As a service to today’s technologists, as well as to commemorate the achievements of IEEE members, IEEE History Center staff built a page on the Engineering and Technology History Wiki (ETHW) to collect these vital eyewitness views of technical history. The page has approximately twenty Oral Histories (including one by Commander James Lovell), and thirty First-Hand Histories. Here are just a few paragraphs from the many fascinating stories people are telling. To read them all, please visit: https://ethw.org/Human_Space_Travel_Primary_Sources.

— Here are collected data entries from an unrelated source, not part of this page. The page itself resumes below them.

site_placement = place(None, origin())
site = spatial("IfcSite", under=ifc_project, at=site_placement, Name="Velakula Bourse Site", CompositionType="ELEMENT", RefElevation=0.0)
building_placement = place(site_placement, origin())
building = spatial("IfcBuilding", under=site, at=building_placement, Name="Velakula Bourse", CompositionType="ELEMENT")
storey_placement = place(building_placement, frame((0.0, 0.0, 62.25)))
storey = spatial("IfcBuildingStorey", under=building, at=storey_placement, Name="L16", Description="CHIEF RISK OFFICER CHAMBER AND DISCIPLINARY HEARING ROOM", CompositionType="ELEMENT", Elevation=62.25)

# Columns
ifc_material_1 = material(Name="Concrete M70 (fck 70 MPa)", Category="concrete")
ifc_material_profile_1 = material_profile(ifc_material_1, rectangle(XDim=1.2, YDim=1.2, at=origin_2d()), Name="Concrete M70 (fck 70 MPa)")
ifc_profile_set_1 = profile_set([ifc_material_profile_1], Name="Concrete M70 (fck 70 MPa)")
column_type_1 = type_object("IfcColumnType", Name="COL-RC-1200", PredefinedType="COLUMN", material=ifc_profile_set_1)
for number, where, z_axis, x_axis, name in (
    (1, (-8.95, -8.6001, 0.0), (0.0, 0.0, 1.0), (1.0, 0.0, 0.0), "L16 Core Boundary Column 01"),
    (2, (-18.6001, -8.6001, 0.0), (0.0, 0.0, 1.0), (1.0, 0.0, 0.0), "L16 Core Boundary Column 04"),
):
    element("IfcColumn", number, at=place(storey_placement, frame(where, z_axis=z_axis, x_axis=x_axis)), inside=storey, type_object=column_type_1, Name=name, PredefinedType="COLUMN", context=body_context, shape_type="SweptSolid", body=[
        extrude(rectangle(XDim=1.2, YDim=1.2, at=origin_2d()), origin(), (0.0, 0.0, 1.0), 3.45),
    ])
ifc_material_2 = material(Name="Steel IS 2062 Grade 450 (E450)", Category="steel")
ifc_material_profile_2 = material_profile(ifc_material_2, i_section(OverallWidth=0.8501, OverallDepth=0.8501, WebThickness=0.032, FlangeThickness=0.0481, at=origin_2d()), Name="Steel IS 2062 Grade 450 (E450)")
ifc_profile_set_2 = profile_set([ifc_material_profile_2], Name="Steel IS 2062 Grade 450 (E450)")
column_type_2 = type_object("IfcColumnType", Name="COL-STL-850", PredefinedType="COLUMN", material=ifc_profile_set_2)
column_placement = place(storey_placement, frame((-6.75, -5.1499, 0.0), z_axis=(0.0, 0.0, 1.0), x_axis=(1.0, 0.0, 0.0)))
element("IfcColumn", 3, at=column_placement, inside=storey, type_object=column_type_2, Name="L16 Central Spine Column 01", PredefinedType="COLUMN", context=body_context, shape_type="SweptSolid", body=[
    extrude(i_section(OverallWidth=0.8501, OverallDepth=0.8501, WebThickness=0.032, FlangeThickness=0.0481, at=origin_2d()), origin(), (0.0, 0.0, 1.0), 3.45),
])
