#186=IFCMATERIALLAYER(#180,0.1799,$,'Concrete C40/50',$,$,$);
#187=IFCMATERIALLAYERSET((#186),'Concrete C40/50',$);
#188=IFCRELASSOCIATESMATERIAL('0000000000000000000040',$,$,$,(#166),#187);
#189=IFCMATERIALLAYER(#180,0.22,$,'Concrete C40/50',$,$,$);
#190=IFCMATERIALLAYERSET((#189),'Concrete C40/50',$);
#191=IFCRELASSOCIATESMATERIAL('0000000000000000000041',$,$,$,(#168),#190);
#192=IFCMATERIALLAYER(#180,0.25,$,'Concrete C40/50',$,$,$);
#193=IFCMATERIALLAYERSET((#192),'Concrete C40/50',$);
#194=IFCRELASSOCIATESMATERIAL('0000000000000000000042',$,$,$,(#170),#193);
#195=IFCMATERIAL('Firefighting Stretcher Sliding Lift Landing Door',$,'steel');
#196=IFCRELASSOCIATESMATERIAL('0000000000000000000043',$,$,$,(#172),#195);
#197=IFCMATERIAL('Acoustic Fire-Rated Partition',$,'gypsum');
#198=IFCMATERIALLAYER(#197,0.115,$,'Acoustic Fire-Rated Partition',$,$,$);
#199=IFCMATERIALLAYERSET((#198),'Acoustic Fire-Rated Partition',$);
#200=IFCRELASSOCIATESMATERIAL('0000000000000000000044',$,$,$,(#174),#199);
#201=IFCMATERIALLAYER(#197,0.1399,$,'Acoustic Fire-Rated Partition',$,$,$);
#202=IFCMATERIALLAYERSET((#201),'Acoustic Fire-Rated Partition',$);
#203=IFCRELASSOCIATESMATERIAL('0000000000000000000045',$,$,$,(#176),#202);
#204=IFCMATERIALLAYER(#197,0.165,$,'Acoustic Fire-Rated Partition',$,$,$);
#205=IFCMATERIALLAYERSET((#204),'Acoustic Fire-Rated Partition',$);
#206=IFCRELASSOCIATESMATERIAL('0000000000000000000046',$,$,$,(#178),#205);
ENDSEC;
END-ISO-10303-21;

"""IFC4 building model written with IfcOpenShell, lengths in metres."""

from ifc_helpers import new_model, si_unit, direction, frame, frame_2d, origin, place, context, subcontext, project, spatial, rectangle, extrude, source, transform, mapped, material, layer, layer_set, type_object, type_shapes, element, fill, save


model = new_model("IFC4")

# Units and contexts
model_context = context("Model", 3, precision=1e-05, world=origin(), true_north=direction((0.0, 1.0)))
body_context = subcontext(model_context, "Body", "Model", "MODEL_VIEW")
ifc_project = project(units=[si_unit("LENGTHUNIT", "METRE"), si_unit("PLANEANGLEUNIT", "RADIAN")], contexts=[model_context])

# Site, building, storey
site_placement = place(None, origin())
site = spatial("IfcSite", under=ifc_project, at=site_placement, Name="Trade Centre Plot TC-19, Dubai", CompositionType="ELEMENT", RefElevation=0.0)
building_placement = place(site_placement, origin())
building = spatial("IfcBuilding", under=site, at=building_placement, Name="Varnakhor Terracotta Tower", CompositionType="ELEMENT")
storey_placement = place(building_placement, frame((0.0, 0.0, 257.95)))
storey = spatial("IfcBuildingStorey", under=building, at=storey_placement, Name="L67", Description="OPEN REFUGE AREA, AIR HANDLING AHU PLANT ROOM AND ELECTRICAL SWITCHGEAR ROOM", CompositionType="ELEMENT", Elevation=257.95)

As a PhD student in the UK, I was responsible for studying the moon by radar, and established that, for the most part, the surface was sandy, smooth and undulating and not hazardous for humans to land on. These findings were later confirmed by close up photographs taken by NASA. The work was published in 1957 and caused studies undertaken by the US Navy that had reached similar conclusions, but had been classified, to be released. This encouraged the thought of a moon landing at a time when optical astronomy could not resolve features on the moon’s surface smaller than 1/2 kilometer.

—John Evans

We reasoned that the data collection problem could be solved with a memory and i/o channel dump procedure triggered by placing a number related to the address of the procedure in location 67, a computer “hack.” On every restart without a mission program running, this would execute the memory dump program which would dump the data and then return to finish the restart procedure. We then found that the built-in telemetry routine could be redirected to transmit this data via telemetry to the ground station. This hack of the Apollo Guidance Computer was so helpful in fault analysis that it became a standard part of Command Module testing at North American Aviation.

—Walt Whipple

For the Apollo 11 mission, I assisted at the operations console to acknowledge the countdown, and report station status for the Saturn V launch. After the launch, I went along to the radar site (C-band) tracking the S-IVB stage during translunar injection. We intently watched the oscilloscope displaying beacon signals for radars from across the United States to Africa. On a remote, volcanic island with lunar-like landscapes, this seemed a fitting way to see Apollo 11 begin its voyage. After this, much time was spent in the operations room listening to the mission via NASA communications.

—George Gentzler

The proposal efforts for the LM, originally known as the LEM, included motion and fixed-base studies of both the landing phase and the docking phase. Both of these phases lasted about two hours, the maximum duration that analog computers would run before needing readjustment to eliminate drift.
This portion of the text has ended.